Roberts is another artist who has made her way to her current medium through a convoluted path. Actually, her medium is mixed media. Roberts paints images in oils on black-and-white photographs. Sometimes she attaches all or part of the photograph to the canvas. Yet Roberts studied printmaking in college and majored in drawing in graduate school. By the time she received her master of fine arts from Arizona State University in 1980, she had begun painting on photographs.

Roberts, who now lives in Corrales, N.M., lived in the Zuni Pueblo in New Mexico for a decade. Through the years she has drawn heavily on Native American iconography for her imagery: deer, crows, kachinas and fetishes.

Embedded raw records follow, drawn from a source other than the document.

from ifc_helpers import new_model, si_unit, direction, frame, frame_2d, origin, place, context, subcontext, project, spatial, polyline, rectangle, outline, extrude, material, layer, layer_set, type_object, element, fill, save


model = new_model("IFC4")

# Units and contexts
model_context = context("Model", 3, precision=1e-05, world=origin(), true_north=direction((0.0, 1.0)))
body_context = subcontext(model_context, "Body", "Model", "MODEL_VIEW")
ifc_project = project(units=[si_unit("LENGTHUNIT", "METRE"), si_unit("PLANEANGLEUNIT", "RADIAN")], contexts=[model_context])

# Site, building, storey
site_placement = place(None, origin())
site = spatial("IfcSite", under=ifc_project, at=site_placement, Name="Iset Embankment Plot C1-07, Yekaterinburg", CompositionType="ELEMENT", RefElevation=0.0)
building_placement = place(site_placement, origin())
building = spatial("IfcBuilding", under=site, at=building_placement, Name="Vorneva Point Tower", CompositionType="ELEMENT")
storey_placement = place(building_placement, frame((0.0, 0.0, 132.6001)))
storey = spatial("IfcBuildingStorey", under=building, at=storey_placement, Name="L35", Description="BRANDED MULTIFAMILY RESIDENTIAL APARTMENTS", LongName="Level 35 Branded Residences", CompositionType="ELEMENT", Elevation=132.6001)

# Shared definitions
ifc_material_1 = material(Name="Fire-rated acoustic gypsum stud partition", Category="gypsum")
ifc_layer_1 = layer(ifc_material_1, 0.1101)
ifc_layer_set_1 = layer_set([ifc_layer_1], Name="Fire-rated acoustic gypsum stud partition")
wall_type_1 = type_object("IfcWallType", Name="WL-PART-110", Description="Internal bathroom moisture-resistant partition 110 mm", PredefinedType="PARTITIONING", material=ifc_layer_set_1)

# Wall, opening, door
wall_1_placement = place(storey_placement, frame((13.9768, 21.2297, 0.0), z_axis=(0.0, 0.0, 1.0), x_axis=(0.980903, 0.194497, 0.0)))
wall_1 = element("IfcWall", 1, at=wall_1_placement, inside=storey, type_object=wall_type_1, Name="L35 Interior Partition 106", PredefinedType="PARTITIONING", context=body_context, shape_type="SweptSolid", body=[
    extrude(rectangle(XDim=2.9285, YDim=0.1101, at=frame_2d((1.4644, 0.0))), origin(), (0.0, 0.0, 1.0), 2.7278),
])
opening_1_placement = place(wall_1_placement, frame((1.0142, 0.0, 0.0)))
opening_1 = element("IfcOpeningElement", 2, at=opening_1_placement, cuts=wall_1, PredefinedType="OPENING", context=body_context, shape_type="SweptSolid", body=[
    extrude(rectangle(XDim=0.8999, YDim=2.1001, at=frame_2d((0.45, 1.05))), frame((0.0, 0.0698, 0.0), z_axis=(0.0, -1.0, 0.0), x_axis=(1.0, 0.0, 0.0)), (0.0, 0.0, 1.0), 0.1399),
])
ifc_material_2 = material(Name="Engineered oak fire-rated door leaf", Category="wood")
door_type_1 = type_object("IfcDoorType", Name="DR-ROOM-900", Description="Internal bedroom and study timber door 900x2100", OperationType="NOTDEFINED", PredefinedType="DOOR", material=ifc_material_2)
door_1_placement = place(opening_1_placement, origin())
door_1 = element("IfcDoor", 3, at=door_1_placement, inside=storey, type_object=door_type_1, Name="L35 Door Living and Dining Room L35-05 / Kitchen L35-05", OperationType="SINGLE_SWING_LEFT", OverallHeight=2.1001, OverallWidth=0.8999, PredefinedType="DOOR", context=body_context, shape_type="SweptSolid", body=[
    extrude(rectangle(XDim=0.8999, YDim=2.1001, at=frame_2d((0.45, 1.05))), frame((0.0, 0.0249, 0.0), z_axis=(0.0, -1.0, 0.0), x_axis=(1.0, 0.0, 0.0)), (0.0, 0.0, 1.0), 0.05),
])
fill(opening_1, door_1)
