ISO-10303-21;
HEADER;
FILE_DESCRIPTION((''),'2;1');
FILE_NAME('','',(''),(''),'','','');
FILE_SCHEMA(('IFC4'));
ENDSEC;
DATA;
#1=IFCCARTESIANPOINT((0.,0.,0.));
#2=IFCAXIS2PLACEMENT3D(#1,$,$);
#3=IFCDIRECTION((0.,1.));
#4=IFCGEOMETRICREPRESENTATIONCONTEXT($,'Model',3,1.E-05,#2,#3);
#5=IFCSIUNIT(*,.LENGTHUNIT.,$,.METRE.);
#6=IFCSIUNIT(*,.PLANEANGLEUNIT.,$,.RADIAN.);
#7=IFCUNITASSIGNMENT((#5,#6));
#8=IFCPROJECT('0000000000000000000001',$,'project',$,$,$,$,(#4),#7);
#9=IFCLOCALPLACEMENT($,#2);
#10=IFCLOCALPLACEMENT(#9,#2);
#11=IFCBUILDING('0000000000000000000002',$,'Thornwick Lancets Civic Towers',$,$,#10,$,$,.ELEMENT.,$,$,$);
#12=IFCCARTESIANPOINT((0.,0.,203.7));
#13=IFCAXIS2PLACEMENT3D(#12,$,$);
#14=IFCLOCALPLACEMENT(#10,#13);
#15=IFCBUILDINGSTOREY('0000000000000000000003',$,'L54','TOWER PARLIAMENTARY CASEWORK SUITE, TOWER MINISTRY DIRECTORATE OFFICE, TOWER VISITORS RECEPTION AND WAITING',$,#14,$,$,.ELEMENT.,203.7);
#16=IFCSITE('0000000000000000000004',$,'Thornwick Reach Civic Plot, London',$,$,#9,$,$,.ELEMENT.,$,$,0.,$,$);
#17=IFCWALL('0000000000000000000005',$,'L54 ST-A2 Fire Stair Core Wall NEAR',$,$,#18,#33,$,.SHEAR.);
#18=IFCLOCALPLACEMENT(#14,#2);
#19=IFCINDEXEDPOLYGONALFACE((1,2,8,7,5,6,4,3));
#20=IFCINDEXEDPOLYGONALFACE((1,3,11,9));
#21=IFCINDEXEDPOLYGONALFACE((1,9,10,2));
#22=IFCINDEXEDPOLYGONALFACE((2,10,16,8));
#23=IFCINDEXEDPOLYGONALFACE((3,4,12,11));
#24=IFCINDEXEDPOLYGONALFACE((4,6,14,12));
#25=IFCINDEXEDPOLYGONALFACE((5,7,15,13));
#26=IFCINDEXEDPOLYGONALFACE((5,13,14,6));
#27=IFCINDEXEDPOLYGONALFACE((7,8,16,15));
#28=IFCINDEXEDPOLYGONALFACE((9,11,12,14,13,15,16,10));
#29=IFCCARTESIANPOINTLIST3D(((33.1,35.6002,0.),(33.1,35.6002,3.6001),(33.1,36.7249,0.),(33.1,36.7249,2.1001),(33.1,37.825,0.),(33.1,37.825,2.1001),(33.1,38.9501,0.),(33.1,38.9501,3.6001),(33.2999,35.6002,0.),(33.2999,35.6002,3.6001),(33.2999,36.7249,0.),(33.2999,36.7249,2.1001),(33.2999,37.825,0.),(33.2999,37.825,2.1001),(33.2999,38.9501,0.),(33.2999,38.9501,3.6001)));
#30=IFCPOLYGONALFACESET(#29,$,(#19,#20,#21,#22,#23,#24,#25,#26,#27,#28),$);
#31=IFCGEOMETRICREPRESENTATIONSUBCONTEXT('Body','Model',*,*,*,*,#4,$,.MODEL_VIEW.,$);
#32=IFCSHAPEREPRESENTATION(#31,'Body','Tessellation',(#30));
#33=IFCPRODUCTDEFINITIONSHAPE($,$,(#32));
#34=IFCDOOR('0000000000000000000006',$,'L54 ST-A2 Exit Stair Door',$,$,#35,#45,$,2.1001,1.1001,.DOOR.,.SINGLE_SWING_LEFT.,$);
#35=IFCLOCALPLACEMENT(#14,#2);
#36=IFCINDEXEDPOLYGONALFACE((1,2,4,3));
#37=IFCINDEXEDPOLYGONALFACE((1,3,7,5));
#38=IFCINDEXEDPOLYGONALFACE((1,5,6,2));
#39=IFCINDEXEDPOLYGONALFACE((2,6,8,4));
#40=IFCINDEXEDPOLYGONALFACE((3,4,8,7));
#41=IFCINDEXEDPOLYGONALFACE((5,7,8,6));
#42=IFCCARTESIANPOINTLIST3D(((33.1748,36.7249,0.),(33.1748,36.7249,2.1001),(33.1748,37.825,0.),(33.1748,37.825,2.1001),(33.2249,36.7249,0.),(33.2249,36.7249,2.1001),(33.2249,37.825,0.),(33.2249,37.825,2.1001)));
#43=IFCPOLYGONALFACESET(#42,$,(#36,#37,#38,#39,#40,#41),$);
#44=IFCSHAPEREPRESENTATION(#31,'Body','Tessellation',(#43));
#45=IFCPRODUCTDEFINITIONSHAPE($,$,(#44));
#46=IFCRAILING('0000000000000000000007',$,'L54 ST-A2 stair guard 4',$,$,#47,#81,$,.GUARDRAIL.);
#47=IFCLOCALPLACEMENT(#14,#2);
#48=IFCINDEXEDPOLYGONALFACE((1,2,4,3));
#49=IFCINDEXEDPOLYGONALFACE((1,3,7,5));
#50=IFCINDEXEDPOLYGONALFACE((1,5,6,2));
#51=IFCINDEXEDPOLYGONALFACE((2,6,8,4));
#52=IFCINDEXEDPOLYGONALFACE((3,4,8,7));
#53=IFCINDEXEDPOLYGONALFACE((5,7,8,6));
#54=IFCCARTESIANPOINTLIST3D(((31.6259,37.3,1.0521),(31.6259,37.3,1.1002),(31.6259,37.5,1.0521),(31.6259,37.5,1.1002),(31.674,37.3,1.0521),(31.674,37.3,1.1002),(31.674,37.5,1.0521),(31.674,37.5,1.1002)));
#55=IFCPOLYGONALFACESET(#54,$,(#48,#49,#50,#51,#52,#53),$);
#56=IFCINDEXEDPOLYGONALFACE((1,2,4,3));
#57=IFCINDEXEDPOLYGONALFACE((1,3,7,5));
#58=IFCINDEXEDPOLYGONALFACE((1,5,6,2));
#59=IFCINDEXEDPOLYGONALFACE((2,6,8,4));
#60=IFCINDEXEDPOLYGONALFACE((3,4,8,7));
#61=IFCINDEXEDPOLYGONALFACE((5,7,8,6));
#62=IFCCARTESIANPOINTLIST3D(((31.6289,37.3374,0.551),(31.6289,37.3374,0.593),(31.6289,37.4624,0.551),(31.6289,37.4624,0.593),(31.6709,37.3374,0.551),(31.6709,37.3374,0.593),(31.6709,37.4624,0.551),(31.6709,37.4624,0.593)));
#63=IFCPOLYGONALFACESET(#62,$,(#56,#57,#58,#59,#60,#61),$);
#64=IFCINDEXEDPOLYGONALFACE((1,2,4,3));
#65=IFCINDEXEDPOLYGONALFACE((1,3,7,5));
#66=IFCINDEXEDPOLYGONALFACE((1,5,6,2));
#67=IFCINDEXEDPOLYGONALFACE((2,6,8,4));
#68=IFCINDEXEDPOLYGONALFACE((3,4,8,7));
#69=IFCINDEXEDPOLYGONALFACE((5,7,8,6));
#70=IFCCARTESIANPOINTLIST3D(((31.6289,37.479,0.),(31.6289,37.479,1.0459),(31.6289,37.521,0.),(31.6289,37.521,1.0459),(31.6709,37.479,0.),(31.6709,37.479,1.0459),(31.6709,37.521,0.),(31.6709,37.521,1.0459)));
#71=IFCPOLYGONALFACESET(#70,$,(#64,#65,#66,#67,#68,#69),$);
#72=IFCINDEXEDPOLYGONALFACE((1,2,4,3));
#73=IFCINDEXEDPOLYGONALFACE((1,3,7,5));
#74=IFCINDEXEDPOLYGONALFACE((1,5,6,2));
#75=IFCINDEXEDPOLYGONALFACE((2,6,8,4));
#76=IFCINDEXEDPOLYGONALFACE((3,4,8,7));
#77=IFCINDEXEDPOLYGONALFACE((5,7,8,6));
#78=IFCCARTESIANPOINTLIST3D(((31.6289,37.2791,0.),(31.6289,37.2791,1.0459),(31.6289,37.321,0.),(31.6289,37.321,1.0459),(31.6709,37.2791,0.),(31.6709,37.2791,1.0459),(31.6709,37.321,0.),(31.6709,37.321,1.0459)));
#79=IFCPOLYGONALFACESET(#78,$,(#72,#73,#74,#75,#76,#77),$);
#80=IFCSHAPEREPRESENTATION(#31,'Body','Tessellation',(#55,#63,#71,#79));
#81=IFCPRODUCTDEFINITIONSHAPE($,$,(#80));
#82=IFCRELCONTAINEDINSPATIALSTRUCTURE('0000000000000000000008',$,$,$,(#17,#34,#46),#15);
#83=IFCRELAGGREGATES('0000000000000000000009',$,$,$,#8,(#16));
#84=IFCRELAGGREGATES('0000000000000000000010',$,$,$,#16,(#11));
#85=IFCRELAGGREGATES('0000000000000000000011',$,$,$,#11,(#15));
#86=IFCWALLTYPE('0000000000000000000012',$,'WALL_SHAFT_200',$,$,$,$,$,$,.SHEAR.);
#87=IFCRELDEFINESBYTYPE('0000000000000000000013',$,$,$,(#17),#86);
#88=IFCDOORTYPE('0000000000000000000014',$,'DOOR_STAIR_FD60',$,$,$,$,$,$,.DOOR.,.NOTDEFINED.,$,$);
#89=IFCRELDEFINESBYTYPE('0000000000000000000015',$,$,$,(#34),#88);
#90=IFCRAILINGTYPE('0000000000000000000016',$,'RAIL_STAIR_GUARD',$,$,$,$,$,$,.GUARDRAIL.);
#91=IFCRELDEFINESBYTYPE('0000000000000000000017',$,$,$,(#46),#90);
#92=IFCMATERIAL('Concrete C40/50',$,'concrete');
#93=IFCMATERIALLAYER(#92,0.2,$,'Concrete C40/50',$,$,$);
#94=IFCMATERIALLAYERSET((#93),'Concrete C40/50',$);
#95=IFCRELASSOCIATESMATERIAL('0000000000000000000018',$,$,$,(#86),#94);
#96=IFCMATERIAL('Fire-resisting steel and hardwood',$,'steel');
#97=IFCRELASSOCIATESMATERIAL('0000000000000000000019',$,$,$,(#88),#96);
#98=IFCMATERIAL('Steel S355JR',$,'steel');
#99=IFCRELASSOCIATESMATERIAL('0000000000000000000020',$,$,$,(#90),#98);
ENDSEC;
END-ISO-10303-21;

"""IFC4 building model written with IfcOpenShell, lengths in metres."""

from ifc_helpers import new_model, si_unit, direction, frame, frame_2d, origin, origin_2d, place, context, subcontext, project, spatial, rectangle, extrude, material, layer, layer_set, type_object, element, fill, save


model = new_model("IFC4")

# Units and contexts
model_context = context("Model", 3, precision=1e-05, world=origin(), true_north=direction((0.0, 1.0)))
body_context = subcontext(model_context, "Body", "Model", "MODEL_VIEW")
ifc_project = project(units=[si_unit("LENGTHUNIT", "METRE"), si_unit("PLANEANGLEUNIT", "RADIAN")], contexts=[model_context])

# Site, building, storey
site_placement = place(None, origin())
site = spatial("IfcSite", under=ifc_project, at=site_placement, Name="Thornwick Reach Civic Plot, London", CompositionType="ELEMENT", RefElevation=0.0)
building_placement = place(site_placement, origin())
building = spatial("IfcBuilding", under=site, at=building_placement, Name="Thornwick Lancets Civic Towers", CompositionType="ELEMENT")
storey_placement = place(building_placement, frame((0.0, 0.0, 203.7)))
storey = spatial("IfcBuildingStorey", under=building, at=storey_placement, Name="L54", Description="TOWER PARLIAMENTARY CASEWORK SUITE, TOWER MINISTRY DIRECTORATE OFFICE, TOWER VISITORS RECEPTION AND WAITING", CompositionType="ELEMENT", Elevation=203.7)

# Shared definitions
ifc_material_1 = material(Name="Steel S355JR", Category="steel")

# Wall, opening, door
ifc_material_2 = material(Name="Concrete C40/50", Category="concrete")
ifc_layer_1 = layer(ifc_material_2, 0.2, Name="Concrete C40/50")
ifc_layer_set_1 = layer_set([ifc_layer_1], Name="Concrete C40/50")
wall_type_1 = type_object("IfcWallType", Name="WALL_SHAFT_200", PredefinedType="SHEAR", material=ifc_layer_set_1)
wall_1_placement = place(storey_placement, frame((33.2, 38.95, 0.0), z_axis=(0.0, 0.0, 1.0), x_axis=(0.0, -1.0, 0.0)))
wall_1 = element("IfcWall", 1, at=wall_1_placement, inside=storey, type_object=wall_type_1, Name="L54 ST-A2 Fire Stair Core Wall NEAR", PredefinedType="SHEAR", context=body_context, shape_type="SweptSolid", body=[
    extrude(rectangle(XDim=3.3499, YDim=0.2, at=frame_2d((1.6748, 0.0))), origin(), (0.0, 0.0, 1.0), 3.6001),
])
opening_1_placement = place(wall_1_placement, frame((1.125, 0.0, 0.0)))
opening_1 = element("IfcOpeningElement", 2, at=opening_1_placement, cuts=wall_1, PredefinedType="OPENING", context=body_context, shape_type="SweptSolid", body=[
    extrude(rectangle(XDim=1.1001, YDim=2.1001, at=frame_2d((0.55, 1.05))), frame((0.0, 0.1099, 0.0), z_axis=(0.0, -1.0, 0.0), x_axis=(1.0, 0.0, 0.0)), (0.0, 0.0, 1.0), 0.22),
])
ifc_material_3 = material(Name="Fire-resisting steel and hardwood", Category="steel")
door_type = type_object("IfcDoorType", Name="DOOR_STAIR_FD60", OperationType="NOTDEFINED", PredefinedType="DOOR", material=ifc_material_3)
door_placement = place(opening_1_placement, origin())
door = element("IfcDoor", 3, at=door_placement, inside=storey, type_object=door_type, Name="L54 ST-A2 Exit Stair Door", OperationType="SINGLE_SWING_LEFT", OverallHeight=2.1001, OverallWidth=1.1001, PredefinedType="DOOR", context=body_context, shape_type="SweptSolid", body=[
    extrude(rectangle(XDim=1.1001, YDim=2.1001, at=frame_2d((0.55, 1.05))), frame((0.0, 0.0249, 0.0), z_axis=(0.0, -1.0, 0.0), x_axis=(1.0, 0.0, 0.0)), (0.0, 0.0, 1.0), 0.05),
])
fill(opening_1, door)

# Railing
railing_type = type_object("IfcRailingType", Name="RAIL_STAIR_GUARD", PredefinedType="GUARDRAIL", material=ifc_material_1)
railing_placement = place(storey_placement, frame((31.6499, 37.5, 0.0)))
element("IfcRailing", 4, at=railing_placement, inside=storey, type_object=railing_type, Name="L54 ST-A2 stair guard 4", PredefinedType="GUARDRAIL", context=body_context, shape_type="SweptSolid", body=[
    extrude(rectangle(XDim=0.0481, YDim=0.0481, at=origin_2d()), frame((0.0, 0.0, 1.0762), z_axis=(0.0, -1.0, 0.0), x_axis=(1.0, 0.0, 0.0)), (0.0, 0.0, 1.0), 0.2),
    extrude(rectangle(XDim=0.042, YDim=0.042, at=origin_2d()), frame((0.0, -0.0376, 0.572), z_axis=(0.0, -1.0, 0.0), x_axis=(1.0, 0.0, 0.0)), (0.0, 0.0, 1.0), 0.125),
    extrude(rectangle(XDim=0.042, YDim=0.042, at=origin_2d()), origin(), (0.0, 0.0, 1.0), 1.0459),
    extrude(rectangle(XDim=0.042, YDim=0.042, at=origin_2d()), frame((0.0, -0.2, 0.0)), (0.0, 0.0, 1.0), 1.0459),
])

save(model, "model.ifc")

Although this exhibition includes some such works, Roberts uses the layered nature of her media to explore the duality of human nature and experience. Unlike some of Roberts' recent works on canvas, the works in this exhibition are small, most only 6 by 9 inches or smaller.

In "Young Man Smoking" (one of the few large images, at 40 by 14 inches), much of the smiling man in shorts and T-shirt is visible in the photograph beneath the paint. Roberts uses white paint to draw a basic skeleton and lungs on top of the photograph. The man's face is split between the forward-facing, smiling photo and the painted profile blowing smoke out like steam. Roberts gives the man tiny arms and hands, so that he holds a white cigarette with a glowing tip in miniature fingers. It's a creepy, almost corpse-like vision of death by lung cancer in the making.

Santiago, who splits his time between Tucson and western Michigan, captures the women in his realistic portraits as they turn their heads or lift their eyes, at just the right moment to make them lovely or seductive. Dressed in strapless dresses or in gowns studded with flowers, these women are almost as elegant as the subjects of 19th-century court portraits are. Instead of lush garden settings or the trappings of royal apartments, the backgrounds in Santiago's portraits come from modern art: squares of color stacked to form the top of the Christian cross.

Why everyone lives in the shadow of the crucifixion is not clear, although Santiago's second body of work includes an ironic crucifixion scene. Where his portraits, which are beautifully painted in pigmented ink and acrylic on canvas, are realistic (albeit a bit romanticized), Santiago's second series owes a great debt to the early 20th-century Surrealist painter René Magritte.

Magritte repeatedly combined headless, dismembered, nude statues with landscapes, often using a blue sky with floating clouds. Santiago uses this Magritte motif in two of his paintings. In "Crucificio" ("Crucifixion"), a headless, dismembered male mannequin is nailed to a cross. In "Birth of Venus," the mannequin floating in the sky is female, and she is wearing a lacy black teddy. (The title "Birth of Venus" refers to Sandro Botticelli's classic image of the goddess Venus riding the waves on a clamshell.) Santiago has converted the ground into a black-and-white linoleum floor, but his images are too close to the Magritte originals to seem truly his own.

Even though Santiago depicts women's beauty and religion in almost all his portraits, he certainly has a sense of irony about them. After all, he's willing to set the birth of the Greek goddess of love and the death of the Christian god in a Surrealist's bizarre landscape.